Buchbesprechung: Operaen – das Opernhaus in Oslo

Ein Eisberg im Hafen 

– Schöner Bildband über das Opernhaus in Oslo – 

von Klaus J. Loderer

Wie ein Eisberg ragt das vom norwegischen Architekturbüro Snøhetta entworfene Opernhaus von Oslo markant aus dem Wasser auf. Dieser Effekt stellt sich zumindest vom Wasser ein. Allerdings rücken dem bisher freistehenden Bauwerk nun Neubauten wie die Stadtbibliothek und das Munchmuseum, die beide noch im Bau sind, auf den Leib. Nach der Eröffnung 2008 erschien auch ein großformatiger Bildband, der das Gebäude vorstellt. Darin findet man neben zahlreichen Fotos zum Gebäude, zur Baustelle, der Eröffnungsfeier und der ersten Tätigkeiten der Opernmitarbeiter im Gebäude auch die Pläne.

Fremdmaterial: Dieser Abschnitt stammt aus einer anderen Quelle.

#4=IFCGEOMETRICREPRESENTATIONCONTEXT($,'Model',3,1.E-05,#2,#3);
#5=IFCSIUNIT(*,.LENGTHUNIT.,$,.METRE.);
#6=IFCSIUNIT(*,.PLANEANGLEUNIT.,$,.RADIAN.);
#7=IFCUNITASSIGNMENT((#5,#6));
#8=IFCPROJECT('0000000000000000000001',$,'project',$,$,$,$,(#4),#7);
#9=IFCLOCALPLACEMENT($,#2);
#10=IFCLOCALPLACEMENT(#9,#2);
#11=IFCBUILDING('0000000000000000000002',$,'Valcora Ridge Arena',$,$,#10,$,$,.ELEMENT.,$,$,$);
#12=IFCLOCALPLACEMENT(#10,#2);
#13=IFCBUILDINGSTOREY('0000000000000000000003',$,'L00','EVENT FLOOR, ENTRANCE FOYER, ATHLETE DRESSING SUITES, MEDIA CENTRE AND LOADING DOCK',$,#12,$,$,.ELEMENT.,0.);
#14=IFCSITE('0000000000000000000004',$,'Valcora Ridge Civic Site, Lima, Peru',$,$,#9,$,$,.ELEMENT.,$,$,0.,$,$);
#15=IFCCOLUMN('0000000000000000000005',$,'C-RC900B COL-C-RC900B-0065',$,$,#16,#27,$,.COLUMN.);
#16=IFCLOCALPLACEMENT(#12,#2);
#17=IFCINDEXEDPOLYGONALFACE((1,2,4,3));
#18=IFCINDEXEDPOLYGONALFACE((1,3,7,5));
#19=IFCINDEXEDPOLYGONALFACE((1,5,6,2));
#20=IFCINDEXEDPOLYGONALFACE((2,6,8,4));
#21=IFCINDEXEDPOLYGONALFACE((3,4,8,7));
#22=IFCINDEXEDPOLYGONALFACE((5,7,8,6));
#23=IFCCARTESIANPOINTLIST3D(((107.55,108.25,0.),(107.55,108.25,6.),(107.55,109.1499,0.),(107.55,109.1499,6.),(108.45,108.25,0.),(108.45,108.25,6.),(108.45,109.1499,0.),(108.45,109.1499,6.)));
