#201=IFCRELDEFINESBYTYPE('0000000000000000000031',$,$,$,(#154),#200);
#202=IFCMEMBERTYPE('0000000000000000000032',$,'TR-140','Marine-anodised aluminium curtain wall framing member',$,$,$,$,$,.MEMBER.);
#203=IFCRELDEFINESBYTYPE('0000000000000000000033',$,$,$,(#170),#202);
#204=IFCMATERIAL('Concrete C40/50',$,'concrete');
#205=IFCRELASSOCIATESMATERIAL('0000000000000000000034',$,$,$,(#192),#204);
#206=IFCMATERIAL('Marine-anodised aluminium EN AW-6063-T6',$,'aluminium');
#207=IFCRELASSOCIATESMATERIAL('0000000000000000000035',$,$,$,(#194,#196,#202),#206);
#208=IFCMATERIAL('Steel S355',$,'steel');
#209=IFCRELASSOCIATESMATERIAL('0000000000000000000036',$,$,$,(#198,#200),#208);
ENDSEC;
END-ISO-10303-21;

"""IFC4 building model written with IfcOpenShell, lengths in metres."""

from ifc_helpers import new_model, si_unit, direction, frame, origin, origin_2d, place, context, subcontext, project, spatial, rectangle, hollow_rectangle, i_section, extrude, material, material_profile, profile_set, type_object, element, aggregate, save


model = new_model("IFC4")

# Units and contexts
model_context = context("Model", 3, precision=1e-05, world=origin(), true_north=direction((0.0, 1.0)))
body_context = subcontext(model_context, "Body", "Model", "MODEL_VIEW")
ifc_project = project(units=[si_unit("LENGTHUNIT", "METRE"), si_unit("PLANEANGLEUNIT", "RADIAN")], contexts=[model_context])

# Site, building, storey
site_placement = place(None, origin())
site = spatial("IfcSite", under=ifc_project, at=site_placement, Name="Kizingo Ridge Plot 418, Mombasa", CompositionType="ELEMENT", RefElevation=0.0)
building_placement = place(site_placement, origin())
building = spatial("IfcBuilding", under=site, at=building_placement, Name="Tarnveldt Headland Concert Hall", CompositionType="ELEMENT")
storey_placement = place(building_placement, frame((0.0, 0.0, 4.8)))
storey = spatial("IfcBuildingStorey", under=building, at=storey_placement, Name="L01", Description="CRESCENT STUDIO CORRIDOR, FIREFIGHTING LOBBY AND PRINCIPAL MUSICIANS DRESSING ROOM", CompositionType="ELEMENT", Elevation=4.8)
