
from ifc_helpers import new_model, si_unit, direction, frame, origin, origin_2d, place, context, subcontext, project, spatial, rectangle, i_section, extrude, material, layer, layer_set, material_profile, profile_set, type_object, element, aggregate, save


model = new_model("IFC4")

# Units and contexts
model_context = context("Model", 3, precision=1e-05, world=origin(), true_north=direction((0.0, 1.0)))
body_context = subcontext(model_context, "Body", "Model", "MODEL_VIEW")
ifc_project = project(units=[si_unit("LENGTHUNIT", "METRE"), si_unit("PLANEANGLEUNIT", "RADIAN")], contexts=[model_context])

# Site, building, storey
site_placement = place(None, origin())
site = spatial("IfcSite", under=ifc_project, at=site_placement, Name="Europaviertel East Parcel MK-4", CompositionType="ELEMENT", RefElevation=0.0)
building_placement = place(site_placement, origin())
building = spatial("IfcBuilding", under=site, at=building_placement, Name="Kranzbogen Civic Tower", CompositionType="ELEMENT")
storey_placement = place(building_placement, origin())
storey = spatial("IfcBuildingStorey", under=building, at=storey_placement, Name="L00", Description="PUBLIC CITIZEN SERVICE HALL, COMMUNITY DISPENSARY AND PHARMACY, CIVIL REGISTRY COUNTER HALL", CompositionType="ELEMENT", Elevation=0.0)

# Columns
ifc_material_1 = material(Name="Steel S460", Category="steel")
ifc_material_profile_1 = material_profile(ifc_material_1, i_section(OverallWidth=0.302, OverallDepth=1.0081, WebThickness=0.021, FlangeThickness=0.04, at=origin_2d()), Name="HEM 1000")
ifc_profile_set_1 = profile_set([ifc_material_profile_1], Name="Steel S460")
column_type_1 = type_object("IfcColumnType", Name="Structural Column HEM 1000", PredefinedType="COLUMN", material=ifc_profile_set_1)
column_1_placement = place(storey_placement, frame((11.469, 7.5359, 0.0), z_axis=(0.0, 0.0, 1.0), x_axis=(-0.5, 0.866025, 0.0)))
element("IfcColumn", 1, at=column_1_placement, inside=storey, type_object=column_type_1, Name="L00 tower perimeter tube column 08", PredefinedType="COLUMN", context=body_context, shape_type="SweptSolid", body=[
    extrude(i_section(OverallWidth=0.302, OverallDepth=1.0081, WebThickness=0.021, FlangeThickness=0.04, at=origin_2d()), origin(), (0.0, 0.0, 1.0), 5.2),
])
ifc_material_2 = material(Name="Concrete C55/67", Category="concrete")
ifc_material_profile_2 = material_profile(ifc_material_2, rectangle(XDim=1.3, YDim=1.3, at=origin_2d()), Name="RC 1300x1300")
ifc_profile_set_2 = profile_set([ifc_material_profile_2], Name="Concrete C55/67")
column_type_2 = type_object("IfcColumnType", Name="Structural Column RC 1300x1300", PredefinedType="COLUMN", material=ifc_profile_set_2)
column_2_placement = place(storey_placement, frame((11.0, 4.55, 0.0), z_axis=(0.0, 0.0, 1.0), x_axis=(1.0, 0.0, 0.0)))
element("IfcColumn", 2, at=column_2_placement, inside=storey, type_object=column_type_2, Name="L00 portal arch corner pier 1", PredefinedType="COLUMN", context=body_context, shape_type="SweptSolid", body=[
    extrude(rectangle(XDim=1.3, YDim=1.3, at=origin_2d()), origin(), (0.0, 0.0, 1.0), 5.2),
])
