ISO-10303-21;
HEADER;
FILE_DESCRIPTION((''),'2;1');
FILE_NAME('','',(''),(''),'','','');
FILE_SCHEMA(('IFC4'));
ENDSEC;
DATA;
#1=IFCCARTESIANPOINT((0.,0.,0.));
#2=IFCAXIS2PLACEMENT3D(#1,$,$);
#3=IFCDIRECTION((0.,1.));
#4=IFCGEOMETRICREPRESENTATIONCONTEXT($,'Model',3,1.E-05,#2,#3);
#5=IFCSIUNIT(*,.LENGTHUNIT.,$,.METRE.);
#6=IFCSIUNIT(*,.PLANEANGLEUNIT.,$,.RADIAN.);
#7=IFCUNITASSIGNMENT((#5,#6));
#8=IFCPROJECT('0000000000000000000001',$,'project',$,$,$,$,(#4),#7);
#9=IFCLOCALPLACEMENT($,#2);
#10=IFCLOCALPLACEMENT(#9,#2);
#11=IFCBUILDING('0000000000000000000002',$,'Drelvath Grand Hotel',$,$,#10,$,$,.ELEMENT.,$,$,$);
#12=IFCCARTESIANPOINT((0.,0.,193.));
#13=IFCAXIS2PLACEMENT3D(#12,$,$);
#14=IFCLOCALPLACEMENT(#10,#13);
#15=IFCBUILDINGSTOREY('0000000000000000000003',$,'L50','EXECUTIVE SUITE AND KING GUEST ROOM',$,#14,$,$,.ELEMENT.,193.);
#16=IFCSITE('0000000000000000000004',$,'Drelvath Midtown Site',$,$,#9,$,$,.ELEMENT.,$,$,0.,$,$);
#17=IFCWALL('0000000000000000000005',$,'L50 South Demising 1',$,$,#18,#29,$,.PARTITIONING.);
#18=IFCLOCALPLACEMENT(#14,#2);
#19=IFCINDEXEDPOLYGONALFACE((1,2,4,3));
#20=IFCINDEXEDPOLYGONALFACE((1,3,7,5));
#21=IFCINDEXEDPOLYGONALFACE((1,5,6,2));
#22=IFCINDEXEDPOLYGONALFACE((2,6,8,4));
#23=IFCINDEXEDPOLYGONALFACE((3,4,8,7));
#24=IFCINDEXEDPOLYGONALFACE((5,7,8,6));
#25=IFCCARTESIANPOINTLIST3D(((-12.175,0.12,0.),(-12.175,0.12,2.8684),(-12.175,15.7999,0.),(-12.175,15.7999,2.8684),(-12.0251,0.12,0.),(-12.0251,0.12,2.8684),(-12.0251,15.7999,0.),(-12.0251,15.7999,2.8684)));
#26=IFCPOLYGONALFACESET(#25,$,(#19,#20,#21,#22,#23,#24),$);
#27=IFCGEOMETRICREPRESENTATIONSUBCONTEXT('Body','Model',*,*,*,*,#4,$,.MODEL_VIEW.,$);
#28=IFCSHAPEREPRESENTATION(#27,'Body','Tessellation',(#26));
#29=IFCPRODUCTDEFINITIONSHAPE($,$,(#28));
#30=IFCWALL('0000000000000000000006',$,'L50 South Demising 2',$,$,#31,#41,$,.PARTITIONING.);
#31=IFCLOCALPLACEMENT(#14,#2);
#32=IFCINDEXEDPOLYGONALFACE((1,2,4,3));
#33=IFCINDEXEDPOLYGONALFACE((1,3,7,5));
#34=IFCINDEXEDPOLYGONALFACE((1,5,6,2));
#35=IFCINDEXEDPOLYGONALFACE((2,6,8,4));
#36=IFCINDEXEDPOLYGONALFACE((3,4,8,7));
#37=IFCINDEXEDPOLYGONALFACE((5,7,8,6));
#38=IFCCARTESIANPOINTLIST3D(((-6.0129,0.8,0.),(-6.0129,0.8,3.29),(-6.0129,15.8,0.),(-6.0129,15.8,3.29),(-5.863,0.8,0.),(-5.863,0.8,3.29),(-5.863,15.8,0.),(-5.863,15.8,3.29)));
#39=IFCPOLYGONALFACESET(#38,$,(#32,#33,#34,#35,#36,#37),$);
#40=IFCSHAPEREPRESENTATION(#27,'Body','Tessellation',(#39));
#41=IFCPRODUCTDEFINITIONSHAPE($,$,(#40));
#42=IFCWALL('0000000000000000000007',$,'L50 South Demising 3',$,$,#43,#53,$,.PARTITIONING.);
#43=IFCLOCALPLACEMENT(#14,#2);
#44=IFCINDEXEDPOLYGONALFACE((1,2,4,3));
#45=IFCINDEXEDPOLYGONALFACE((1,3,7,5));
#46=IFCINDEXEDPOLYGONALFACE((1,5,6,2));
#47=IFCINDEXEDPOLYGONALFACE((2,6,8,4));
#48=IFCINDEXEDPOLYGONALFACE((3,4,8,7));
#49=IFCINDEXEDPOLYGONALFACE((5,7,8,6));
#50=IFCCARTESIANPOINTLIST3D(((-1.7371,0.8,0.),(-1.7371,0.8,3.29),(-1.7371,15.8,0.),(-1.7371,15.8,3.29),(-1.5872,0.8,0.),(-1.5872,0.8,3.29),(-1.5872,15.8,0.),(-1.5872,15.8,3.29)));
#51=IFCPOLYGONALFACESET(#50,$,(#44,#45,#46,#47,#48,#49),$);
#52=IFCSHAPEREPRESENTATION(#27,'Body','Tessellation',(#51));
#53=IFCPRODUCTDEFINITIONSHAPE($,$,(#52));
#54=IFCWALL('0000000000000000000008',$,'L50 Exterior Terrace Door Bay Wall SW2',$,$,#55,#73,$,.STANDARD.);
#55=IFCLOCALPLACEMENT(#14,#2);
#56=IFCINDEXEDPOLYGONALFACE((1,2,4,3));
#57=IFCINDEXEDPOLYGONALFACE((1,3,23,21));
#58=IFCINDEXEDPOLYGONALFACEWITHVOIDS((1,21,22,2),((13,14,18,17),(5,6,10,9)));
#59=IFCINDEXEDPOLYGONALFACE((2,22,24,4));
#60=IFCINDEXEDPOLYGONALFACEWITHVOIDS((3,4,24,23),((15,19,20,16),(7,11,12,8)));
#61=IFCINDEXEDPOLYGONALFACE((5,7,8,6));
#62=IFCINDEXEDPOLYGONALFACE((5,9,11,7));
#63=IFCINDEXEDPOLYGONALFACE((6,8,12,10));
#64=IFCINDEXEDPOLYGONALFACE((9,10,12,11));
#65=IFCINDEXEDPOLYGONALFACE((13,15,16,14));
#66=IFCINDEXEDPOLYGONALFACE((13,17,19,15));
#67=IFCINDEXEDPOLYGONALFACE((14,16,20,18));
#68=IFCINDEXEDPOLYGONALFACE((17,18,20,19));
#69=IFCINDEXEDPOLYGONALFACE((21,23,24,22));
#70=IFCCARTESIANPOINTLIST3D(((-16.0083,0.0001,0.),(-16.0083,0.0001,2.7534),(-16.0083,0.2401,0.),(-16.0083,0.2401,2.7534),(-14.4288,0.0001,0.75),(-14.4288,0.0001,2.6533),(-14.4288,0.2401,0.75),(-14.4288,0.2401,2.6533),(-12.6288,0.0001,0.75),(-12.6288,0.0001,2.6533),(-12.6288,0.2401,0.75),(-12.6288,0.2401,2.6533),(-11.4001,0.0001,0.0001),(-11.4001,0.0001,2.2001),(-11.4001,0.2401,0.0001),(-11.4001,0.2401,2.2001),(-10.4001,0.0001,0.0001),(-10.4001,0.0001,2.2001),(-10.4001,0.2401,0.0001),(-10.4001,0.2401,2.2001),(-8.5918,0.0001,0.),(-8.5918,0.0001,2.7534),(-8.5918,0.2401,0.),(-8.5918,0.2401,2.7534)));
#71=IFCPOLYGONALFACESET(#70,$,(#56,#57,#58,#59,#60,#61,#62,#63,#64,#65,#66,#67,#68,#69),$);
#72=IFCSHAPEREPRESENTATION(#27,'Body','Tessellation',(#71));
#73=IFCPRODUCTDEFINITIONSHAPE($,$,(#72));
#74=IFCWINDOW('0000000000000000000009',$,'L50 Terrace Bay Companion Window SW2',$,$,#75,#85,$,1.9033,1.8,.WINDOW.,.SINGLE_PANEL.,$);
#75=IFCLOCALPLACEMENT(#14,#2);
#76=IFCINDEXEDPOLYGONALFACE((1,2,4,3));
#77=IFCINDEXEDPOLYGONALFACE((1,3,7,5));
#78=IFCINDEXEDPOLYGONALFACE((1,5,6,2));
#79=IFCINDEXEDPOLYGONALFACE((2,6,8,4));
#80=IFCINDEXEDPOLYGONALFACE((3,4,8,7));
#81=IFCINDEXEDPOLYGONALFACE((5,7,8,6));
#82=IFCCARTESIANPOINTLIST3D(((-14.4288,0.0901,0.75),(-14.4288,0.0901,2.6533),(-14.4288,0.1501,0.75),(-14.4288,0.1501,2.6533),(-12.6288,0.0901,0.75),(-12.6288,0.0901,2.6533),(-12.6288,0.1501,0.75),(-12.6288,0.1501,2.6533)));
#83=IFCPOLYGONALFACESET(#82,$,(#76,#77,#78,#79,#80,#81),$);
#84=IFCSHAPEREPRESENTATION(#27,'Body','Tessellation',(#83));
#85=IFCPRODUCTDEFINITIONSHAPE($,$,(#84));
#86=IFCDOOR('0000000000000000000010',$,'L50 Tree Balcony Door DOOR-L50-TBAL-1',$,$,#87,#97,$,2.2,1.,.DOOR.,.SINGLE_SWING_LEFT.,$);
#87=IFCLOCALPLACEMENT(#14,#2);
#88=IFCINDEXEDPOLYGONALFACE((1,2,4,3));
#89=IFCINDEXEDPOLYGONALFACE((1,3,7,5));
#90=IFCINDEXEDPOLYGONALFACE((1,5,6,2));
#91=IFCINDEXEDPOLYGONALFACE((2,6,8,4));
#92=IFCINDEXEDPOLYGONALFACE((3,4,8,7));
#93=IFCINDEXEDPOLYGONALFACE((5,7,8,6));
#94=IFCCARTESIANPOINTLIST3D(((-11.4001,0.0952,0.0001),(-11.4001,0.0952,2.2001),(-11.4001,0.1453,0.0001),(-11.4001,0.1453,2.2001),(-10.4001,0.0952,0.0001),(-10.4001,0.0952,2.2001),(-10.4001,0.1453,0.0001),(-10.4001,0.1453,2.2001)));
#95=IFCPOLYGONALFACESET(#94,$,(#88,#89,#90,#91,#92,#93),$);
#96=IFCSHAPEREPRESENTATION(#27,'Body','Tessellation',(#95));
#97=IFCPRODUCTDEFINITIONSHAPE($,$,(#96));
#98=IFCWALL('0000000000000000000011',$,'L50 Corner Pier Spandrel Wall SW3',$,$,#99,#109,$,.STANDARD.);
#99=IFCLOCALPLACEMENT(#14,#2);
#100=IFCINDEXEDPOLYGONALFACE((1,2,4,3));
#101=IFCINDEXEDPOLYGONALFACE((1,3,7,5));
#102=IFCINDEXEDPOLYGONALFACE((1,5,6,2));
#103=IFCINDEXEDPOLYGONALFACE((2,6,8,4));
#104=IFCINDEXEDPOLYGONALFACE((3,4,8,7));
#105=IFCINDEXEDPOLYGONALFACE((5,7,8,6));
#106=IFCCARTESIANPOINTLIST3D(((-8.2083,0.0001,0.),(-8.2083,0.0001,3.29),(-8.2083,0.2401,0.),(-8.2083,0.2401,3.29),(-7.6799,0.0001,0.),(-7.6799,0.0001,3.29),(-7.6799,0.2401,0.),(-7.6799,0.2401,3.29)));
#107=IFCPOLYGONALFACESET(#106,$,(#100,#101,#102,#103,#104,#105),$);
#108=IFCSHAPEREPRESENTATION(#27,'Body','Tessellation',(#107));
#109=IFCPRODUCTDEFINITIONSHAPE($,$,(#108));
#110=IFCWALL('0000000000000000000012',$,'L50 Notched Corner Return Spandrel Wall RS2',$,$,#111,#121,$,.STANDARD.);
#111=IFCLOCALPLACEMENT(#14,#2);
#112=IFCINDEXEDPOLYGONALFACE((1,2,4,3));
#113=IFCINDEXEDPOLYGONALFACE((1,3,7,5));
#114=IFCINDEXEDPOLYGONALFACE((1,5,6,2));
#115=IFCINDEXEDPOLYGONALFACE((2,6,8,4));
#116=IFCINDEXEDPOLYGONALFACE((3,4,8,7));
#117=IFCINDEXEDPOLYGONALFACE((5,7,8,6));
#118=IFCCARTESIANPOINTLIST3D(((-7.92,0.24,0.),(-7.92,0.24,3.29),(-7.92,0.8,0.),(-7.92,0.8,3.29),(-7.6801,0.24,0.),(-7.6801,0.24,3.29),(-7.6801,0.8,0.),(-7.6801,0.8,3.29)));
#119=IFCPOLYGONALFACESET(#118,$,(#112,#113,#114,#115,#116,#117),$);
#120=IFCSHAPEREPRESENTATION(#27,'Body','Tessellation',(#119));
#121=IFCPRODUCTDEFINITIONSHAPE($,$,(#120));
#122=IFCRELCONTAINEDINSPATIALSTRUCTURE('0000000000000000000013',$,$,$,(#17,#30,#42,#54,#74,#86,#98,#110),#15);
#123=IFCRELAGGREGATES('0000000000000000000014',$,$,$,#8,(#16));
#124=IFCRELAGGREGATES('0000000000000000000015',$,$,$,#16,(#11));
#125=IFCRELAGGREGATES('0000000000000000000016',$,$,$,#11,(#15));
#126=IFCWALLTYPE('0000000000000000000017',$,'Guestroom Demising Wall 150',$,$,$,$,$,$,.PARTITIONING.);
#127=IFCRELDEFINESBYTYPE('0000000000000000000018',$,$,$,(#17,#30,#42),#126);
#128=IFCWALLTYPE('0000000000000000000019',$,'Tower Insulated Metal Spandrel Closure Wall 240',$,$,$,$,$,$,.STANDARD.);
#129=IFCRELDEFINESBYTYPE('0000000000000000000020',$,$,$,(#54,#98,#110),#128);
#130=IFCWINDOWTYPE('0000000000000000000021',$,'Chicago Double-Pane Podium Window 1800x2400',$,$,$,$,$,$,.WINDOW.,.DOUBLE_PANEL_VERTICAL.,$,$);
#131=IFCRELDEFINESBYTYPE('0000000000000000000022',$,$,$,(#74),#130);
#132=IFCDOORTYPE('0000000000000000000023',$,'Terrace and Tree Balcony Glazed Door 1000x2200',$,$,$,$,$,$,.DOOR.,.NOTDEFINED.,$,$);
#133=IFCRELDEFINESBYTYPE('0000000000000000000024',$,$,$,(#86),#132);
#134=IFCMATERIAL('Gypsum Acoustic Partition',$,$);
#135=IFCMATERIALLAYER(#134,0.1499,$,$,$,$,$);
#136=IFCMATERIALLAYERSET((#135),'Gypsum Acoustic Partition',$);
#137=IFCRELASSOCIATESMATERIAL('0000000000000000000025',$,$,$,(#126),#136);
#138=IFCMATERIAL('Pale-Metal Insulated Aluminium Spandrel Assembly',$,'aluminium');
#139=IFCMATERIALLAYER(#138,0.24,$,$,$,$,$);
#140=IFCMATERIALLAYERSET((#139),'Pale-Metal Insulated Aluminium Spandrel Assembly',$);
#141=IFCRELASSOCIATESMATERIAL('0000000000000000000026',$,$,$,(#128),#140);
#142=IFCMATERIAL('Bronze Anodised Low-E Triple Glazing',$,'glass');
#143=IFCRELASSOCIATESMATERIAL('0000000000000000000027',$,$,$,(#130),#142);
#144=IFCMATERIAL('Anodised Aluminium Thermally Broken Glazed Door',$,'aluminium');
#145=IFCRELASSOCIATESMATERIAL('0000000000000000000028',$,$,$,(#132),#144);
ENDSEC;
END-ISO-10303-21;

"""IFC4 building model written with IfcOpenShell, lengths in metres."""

from ifc_helpers import new_model, si_unit, direction, frame, frame_2d, origin, place, context, subcontext, project, spatial, rectangle, extrude, material, layer, layer_set, type_object, element, fill, save


model = new_model("IFC4")

# Units and contexts
model_context = context("Model", 3, precision=1e-05, world=origin(), true_north=direction((0.0, 1.0)))
body_context = subcontext(model_context, "Body", "Model", "MODEL_VIEW")
ifc_project = project(units=[si_unit("LENGTHUNIT", "METRE"), si_unit("PLANEANGLEUNIT", "RADIAN")], contexts=[model_context])

# Site, building, storey
site_placement = place(None, origin())
site = spatial("IfcSite", under=ifc_project, at=site_placement, Name="Drelvath Midtown Site", CompositionType="ELEMENT", RefElevation=0.0)
building_placement = place(site_placement, origin())
building = spatial("IfcBuilding", under=site, at=building_placement, Name="Drelvath Grand Hotel", CompositionType="ELEMENT")
storey_placement = place(building_placement, frame((0.0, 0.0, 193.0)))
storey = spatial("IfcBuildingStorey", under=building, at=storey_placement, Name="L50", Description="EXECUTIVE SUITE AND KING GUEST ROOM", CompositionType="ELEMENT", Elevation=193.0)

# Walls
ifc_material_1 = material(Name="Gypsum Acoustic Partition")
ifc_layer_1 = layer(ifc_material_1, 0.1499)
ifc_layer_set_1 = layer_set([ifc_layer_1], Name="Gypsum Acoustic Partition")
wall_type_1 = type_object("IfcWallType", Name="Guestroom Demising Wall 150", PredefinedType="PARTITIONING", material=ifc_layer_set_1)
wall_1_placement = place(storey_placement, frame((-12.1001, 0.1201, 0.0), z_axis=(0.0, 0.0, 1.0), x_axis=(0.0, 1.0, 0.0)))
element("IfcWall", 1, at=wall_1_placement, inside=storey, type_object=wall_type_1, Name="L50 South Demising 1", PredefinedType="PARTITIONING", context=body_context, shape_type="SweptSolid", body=[
    extrude(rectangle(XDim=15.6799, YDim=0.1499, at=frame_2d((7.8398, 0.0))), origin(), (0.0, 0.0, 1.0), 2.8684),
])
for number, where, z_axis, x_axis, name in (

Während man mit dem Bau des Opernhauses sogar früher fertig war als geplant – die Eröffnung fand fünf Monate früher als vorgesehen statt – hatte der Bau eines neuen Opernhauses allerdings eine sich einige Jahrzehnte hinziehende Vorgeschichte. Zeitweilig war auch das Gelände des ehemaligen Westbahnhofs im Gespräch, hinter dessen historischer Fassade sich heute das Nobel-Friedenszentrum befindet. Und es gab Diskussionen um das Volkstheater (Folketeatret). Doch träumte man dann von einem Opernhaus am Wasser wie in Sydney. Im Buch findet man einen Entwurf von 1996 der Architekten Lunde & Løvseths für ein Opernhaus mit geschwungener Glasfassade zum Wasser. Letztendlich wurde das Opernhaus dann sogar ins Wasser gebaut. Das Buch zeigt die Genese des Entwurfs von Snøhetta. Eine geschwungene Wand umfasst den Zuschauerraum. Als Fabrik ist der technische Bereich mit Bühne und Werkstätten gedacht. Darüber ist ein System zerschnittener Ebenen gelegt, durch das der Bühnenturm durchsticht. Dadurch entstand die markante Form, bei der die Terrasse, auf dem das Opernhaus steht, als Rampe in das Dach des Zuschauerraums übergeht – und man eben dadurch über dem Zuschauerraum herumspazieren kann.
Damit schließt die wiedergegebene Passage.